# Tecnologia & Solitudine



## Hellseven (4 Gennaio 2014)

Ho appreso di Sherry Turkle per la prima volta ieri leggendo un articolo sulla pagina della cultura di Repubblica che recensiva il suo nuovo libro Alone Together.
Mi ha molto colpito e ho cercato sul web per approfondire: ho trovato questo.
Molto, molto interessante, secondo me, ma sopratutto molto ma molto condivisibile.
Se vi armate di tempo, pazienza e buona volontà può valere la pena leggere entrambi gli articoli.
E ne riparliamo, se vi va.

http://blog.wired.it/misterbit/2012...ry-turkle-e-i-paradossi-della-tecnologia.html


http://blog.wired.it/misterbit/2012...paradossi-della-tecnologia-parte-seconda.html


----------



## Flavia (4 Gennaio 2014)

argomento interessante
ne parlavo con un collega
pochi giorno fa
mi riprometto di leggere
gli articoli


----------



## feather (5 Gennaio 2014)

Hellseven ha detto:


> Molto, molto interessante, secondo me, ma sopratutto molto ma molto condivisibile.


L'ho letto a saltoni.
Non mi piace tanto la dicotomia con cui vede la tecnologia e il mondo.
Fa una specie di contraposizione tra tecnologia/virtuale vs mondo reale. Dicotomia che a mio avviso non esiste. La tecnologia È mondo reale. Ne fa parte a pieno titolo. 
Non esistono le relazioni virtuali e quelle reali. Sono tutte relazioni. Abbiamo solo aggiunto una sfumatura in più. 
A mio avviso la tecnologia non ha cambiato il modo di relazionarsi, solo aggiunto una modalità in più. Dice "ci illudiamo di essere insieme", non è un'illusione. Quando sono su questo forum discuto esattamente come farei in un bar. Non è ne più ne meno "reale".
In soldoni, non sono daccordo con le sue premesse.


----------



## Fantastica (5 Gennaio 2014)

C'è un errore logico di fondo piuttosto grave nella tesi di Turkle. Pone l'oggetto (la tecnologia) quale fondamento per dire del soggetto. E' il contrario. Un soggetto tendenzialmente fragile affida sempre all'oggetto la conferma della propria esistenza.
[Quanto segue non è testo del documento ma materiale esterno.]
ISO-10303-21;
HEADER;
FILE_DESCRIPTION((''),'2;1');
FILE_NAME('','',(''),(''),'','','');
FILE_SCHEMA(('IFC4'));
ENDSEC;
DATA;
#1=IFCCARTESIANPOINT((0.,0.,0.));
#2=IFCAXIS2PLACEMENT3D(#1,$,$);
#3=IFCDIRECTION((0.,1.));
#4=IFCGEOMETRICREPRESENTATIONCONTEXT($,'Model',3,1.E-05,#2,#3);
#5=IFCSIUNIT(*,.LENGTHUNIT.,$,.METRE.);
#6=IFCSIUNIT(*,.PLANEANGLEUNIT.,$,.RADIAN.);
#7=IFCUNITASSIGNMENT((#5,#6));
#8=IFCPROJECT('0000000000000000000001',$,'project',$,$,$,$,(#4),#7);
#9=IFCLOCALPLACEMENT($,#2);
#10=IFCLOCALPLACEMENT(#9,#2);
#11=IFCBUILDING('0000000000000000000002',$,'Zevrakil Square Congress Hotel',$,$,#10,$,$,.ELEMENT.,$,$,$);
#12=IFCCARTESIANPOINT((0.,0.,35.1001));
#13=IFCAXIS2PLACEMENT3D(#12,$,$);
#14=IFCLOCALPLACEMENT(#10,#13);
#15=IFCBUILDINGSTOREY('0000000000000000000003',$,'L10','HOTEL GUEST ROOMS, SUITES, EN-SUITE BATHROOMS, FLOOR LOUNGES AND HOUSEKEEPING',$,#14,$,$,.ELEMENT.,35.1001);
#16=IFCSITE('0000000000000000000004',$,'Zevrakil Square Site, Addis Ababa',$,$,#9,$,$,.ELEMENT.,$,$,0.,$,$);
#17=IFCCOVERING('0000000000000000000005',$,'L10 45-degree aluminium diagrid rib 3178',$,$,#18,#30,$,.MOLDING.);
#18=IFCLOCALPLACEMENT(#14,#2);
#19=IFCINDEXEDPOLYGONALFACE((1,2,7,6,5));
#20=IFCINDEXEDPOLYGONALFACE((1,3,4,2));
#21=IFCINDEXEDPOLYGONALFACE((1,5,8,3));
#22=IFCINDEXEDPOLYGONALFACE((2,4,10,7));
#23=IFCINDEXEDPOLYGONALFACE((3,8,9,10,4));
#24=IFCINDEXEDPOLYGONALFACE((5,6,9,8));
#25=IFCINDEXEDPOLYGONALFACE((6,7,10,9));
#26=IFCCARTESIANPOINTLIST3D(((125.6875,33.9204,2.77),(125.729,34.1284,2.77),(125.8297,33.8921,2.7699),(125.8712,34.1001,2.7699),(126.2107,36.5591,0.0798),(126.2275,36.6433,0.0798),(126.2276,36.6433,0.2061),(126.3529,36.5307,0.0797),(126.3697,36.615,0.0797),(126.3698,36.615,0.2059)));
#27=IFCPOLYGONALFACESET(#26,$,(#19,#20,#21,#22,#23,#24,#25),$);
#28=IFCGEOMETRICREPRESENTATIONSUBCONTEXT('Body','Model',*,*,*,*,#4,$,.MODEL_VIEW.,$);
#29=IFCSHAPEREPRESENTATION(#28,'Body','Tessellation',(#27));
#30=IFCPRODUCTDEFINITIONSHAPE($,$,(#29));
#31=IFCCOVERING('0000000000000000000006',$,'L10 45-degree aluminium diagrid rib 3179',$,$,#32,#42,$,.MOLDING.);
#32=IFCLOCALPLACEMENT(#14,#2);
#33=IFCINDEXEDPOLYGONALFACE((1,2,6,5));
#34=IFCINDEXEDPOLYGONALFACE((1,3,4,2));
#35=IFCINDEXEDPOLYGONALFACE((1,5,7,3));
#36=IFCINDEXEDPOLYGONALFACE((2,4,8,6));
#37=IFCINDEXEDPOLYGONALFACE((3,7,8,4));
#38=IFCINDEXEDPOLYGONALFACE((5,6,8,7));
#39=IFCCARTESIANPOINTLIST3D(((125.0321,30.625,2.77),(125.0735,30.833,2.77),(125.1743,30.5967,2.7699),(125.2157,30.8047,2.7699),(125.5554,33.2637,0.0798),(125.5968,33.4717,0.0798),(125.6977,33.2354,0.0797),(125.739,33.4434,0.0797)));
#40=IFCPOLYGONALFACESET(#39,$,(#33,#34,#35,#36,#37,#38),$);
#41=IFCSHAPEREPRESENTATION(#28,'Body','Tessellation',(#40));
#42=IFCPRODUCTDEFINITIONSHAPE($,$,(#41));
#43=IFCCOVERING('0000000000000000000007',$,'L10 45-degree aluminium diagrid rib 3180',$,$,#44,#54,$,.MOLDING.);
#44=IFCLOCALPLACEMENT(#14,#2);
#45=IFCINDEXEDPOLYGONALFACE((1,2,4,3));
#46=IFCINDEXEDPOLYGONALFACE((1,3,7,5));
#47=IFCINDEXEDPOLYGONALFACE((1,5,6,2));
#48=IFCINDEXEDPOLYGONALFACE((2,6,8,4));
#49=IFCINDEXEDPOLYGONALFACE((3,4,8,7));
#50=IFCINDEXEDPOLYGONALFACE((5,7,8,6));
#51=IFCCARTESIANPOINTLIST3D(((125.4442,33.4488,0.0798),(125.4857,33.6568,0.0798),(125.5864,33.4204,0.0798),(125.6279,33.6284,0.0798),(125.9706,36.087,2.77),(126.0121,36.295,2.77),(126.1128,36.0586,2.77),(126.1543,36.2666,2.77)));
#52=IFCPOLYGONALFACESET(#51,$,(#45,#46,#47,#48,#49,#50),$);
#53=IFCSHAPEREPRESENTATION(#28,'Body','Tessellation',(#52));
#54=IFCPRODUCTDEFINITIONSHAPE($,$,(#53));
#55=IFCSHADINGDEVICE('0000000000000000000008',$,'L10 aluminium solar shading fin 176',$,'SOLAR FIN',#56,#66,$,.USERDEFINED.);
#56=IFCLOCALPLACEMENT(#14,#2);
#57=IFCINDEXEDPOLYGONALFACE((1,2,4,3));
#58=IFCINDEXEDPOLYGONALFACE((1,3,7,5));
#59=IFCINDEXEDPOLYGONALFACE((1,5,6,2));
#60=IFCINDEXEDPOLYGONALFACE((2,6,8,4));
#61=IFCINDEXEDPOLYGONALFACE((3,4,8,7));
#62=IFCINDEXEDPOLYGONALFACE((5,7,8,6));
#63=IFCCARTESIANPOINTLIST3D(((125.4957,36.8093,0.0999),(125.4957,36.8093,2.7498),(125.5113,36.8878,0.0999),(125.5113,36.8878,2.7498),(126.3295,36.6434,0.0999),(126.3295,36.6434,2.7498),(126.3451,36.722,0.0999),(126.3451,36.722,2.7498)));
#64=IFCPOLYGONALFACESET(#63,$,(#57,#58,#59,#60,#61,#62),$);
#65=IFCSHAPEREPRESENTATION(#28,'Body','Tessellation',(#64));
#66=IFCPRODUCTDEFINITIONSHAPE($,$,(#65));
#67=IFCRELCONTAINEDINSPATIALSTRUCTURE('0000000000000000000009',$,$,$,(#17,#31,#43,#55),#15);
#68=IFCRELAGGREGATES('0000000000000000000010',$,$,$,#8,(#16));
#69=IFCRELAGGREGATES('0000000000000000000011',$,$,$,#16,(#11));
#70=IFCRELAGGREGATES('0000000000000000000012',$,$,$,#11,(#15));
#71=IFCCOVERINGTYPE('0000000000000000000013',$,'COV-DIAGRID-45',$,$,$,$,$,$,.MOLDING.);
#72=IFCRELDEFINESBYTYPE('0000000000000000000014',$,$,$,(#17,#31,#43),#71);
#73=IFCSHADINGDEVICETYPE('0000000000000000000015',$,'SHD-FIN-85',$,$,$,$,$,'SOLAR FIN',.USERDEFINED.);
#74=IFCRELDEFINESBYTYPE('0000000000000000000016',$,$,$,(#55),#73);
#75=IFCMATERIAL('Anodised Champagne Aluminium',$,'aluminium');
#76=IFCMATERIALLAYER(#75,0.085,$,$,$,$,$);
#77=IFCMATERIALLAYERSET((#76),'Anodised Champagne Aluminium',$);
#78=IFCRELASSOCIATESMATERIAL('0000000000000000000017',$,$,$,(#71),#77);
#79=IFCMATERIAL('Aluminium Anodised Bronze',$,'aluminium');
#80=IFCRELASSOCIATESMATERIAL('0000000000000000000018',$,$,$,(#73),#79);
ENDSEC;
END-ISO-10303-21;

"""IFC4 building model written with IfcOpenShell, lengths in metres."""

from ifc_helpers import new_model, si_unit, direction, frame, origin, origin_2d, place, context, subcontext, project, spatial, polyline, rectangle, outline, extrude, material, layer, layer_set, type_object, element, save


model = new_model("IFC4")

# Units and contexts
model_context = context("Model", 3, precision=1e-05, world=origin(), true_north=direction((0.0, 1.0)))
body_context = subcontext(model_context, "Body", "Model", "MODEL_VIEW")
ifc_project = project(units=[si_unit("LENGTHUNIT", "METRE"), si_unit("PLANEANGLEUNIT", "RADIAN")], contexts=[model_context])

# Site, building, storey
site_placement = place(None, origin())
site = spatial("IfcSite", under=ifc_project, at=site_placement, Name="Zevrakil Square Site, Addis Ababa", CompositionType="ELEMENT", RefElevation=0.0)
building_placement = place(site_placement, origin())
building = spatial("IfcBuilding", under=site, at=building_placement, Name="Zevrakil Square Congress Hotel", CompositionType="ELEMENT")
storey_placement = place(building_placement, frame((0.0, 0.0, 35.1001)))
storey = spatial("IfcBuildingStorey", under=building, at=storey_placement, Name="L10", Description="HOTEL GUEST ROOMS, SUITES, EN-SUITE BATHROOMS, FLOOR LOUNGES AND HOUSEKEEPING", CompositionType="ELEMENT", Elevation=35.1001)

# Coverings
ifc_material_1 = material(Name="Anodised Champagne Aluminium", Category="aluminium")
ifc_layer_1 = layer(ifc_material_1, 0.085)
ifc_layer_set_1 = layer_set([ifc_layer_1], Name="Anodised Champagne Aluminium")
covering_type_1 = type_object("IfcCoveringType", Name="COV-DIAGRID-45", PredefinedType="MOLDING", material=ifc_layer_set_1)
covering_1_placement = place(storey_placement, frame((126.2107, 36.5591, 0.0798), z_axis=(-0.980721, 0.195412, 0.000943), x_axis=(0.195412, 0.980721, 0.000001)))
element("IfcCovering", 1, at=covering_1_placement, inside=storey, type_object=covering_type_1, Name="L10 45-degree aluminium diagrid rib 3178", PredefinedType="MOLDING", context=body_context, shape_type="SweptSolid", body=[
    extrude(outline(polyline([(0.0, 0.0), (0.0859, 0.0), (0.0859, -0.1262), (-2.4779, -2.6902), (-2.69, -2.6902), (0.0, 0.0)])), origin(), (0.0, 0.0, -1.0), 0.145),
])
covering_2_placement = place(storey_placement, frame((125.5554, 33.2637, 0.0798), z_axis=(-0.980779, 0.19512, 0.000595), x_axis=(0.19512, 0.980779, 0.0)))
element("IfcCovering", 2, at=covering_2_placement, inside=storey, type_object=covering_type_1, Name="L10 45-degree aluminium diagrid rib 3179", PredefinedType="MOLDING", context=body_context, shape_type="SweptSolid", body=[
    extrude(outline(polyline([(0.0, 0.0), (0.2121, 0.0), (-2.478, -2.6902), (-2.6901, -2.6902), (0.0, 0.0)])), origin(), (0.0, 0.0, -1.0), 0.145),
])
covering_3_placement = place(storey_placement, frame((126.1543, 36.2666, 2.77), z_axis=(0.980669, -0.195673, 0.000011), x_axis=(-0.195673, -0.980669, 0.0)))
element("IfcCovering", 3, at=covering_3_placement, inside=storey, type_object=covering_type_1, Name="L10 45-degree aluminium diagrid rib 3180", PredefinedType="MOLDING", context=body_context, shape_type="SweptSolid", body=[
    extrude(outline(polyline([(0.0, 0.0), (0.2121, 0.0), (2.9023, 2.6902), (2.6902, 2.6902), (0.0, 0.0)])), origin(), (0.0, 0.0, -1.0), 0.145),
])

# Shading device
ifc_material_2 = material(Name="Aluminium Anodised Bronze", Category="aluminium")
shading_device_type = type_object("IfcShadingDeviceType", Name="SHD-FIN-85", ElementType="SOLAR FIN", PredefinedType="USERDEFINED", material=ifc_material_2)
shading_device_placement = place(storey_placement, frame((125.9204, 36.7656, 0.0999), z_axis=(0.0, 0.0, 1.0), x_axis=(-0.980785, 0.19509, 0.0)))
element("IfcShadingDevice", 4, at=shading_device_placement, inside=storey, type_object=shading_device_type, Name="L10 aluminium solar shading fin 176", ObjectType="SOLAR FIN", PredefinedType="USERDEFINED", context=body_context, shape_type="SweptSolid", body=[
    extrude(rectangle(XDim=0.8501, YDim=0.0801, at=origin_2d()), origin(), (0.0, 0.0, 1.0), 2.6499),
])

save(model, "model.ifc")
Una volta la affidava a oggetti quali la religione, la patria, la famiglia, il sapere, il potere politico, il denaro, il partito, ecc. ; oggi lo affida alla quantità di mail e sms e seguaci in twitter o fb che ha. Non c'è differenza.
L'uomo non ha subito mutazioni fondamentali, ha solo trovato nuovi oggetti con i quali interagire per riconoscersi come sé stesso. Il punto vero è a monte di questi discorsi sulle tecnologie pervasive. Ed è sempre quello dei rapporti di potere reali, molto concreti. Da questo punto di vista, non è cambiato nulla: c'è una massa di idioti che crede che la rete serva a mutare i rapporti di potere (vedi i grillini, per esempio), una massa di cretini che twitta ogni tre minuti, e infine una massa di imbecilli che usa la tecnologia senza entrare per nulla in ansia, anzi divertendosi con gusto, cioè GIOCANDO. Ecco: la sostanziale differenza tra uno schiavo e un padrone immaginati interagire con un robot, sta nel fatto che lo schiavo lo prende sul serio, il padrone no. Turkle ha la psicologia dello schiavo.


----------



## Leda (5 Gennaio 2014)

Fantastica ha detto:


> C'è un errore logico di fondo piuttosto grave nella tesi di Turkle. Pone l'oggetto (la tecnologia) quale fondamento per dire del soggetto. E' il contrario. Un soggetto tendenzialmente fragile affida sempre all'oggetto la conferma della propria esistenza. Una volta la affidava a oggetti quali la religione, la patria, la famiglia, il sapere, il potere politico, il denaro, il partito, ecc. ; oggi lo affida alla quantità di mail e sms e seguaci in twitter o fb che ha. Non c'è differenza.
> L'uomo non ha subito mutazioni fondamentali, ha solo trovato nuovi oggetti con i quali interagire per riconoscersi come sé stesso. Il punto vero è a monte di questi discorsi sulle tecnologie pervasive. Ed è sempre quello dei rapporti di potere reali, molto concreti. Da questo punto di vista, non è cambiato nulla: c'è una massa di idioti che crede che la rete serva a mutare i rapporti di potere (vedi i grillini, per esempio), una massa di cretini che twitta ogni tre minuti, e infine una massa di imbecilli che usa la tecnologia senza entrare per nulla in ansia, anzi divertendosi con gusto, cioè GIOCANDO. Ecco: la sostanziale differenza tra uno schiavo e un padrone immaginati interagire con un robot, sta nel fatto che lo schiavo lo prende sul serio, il padrone no. Turkle ha la psicologia dello schiavo.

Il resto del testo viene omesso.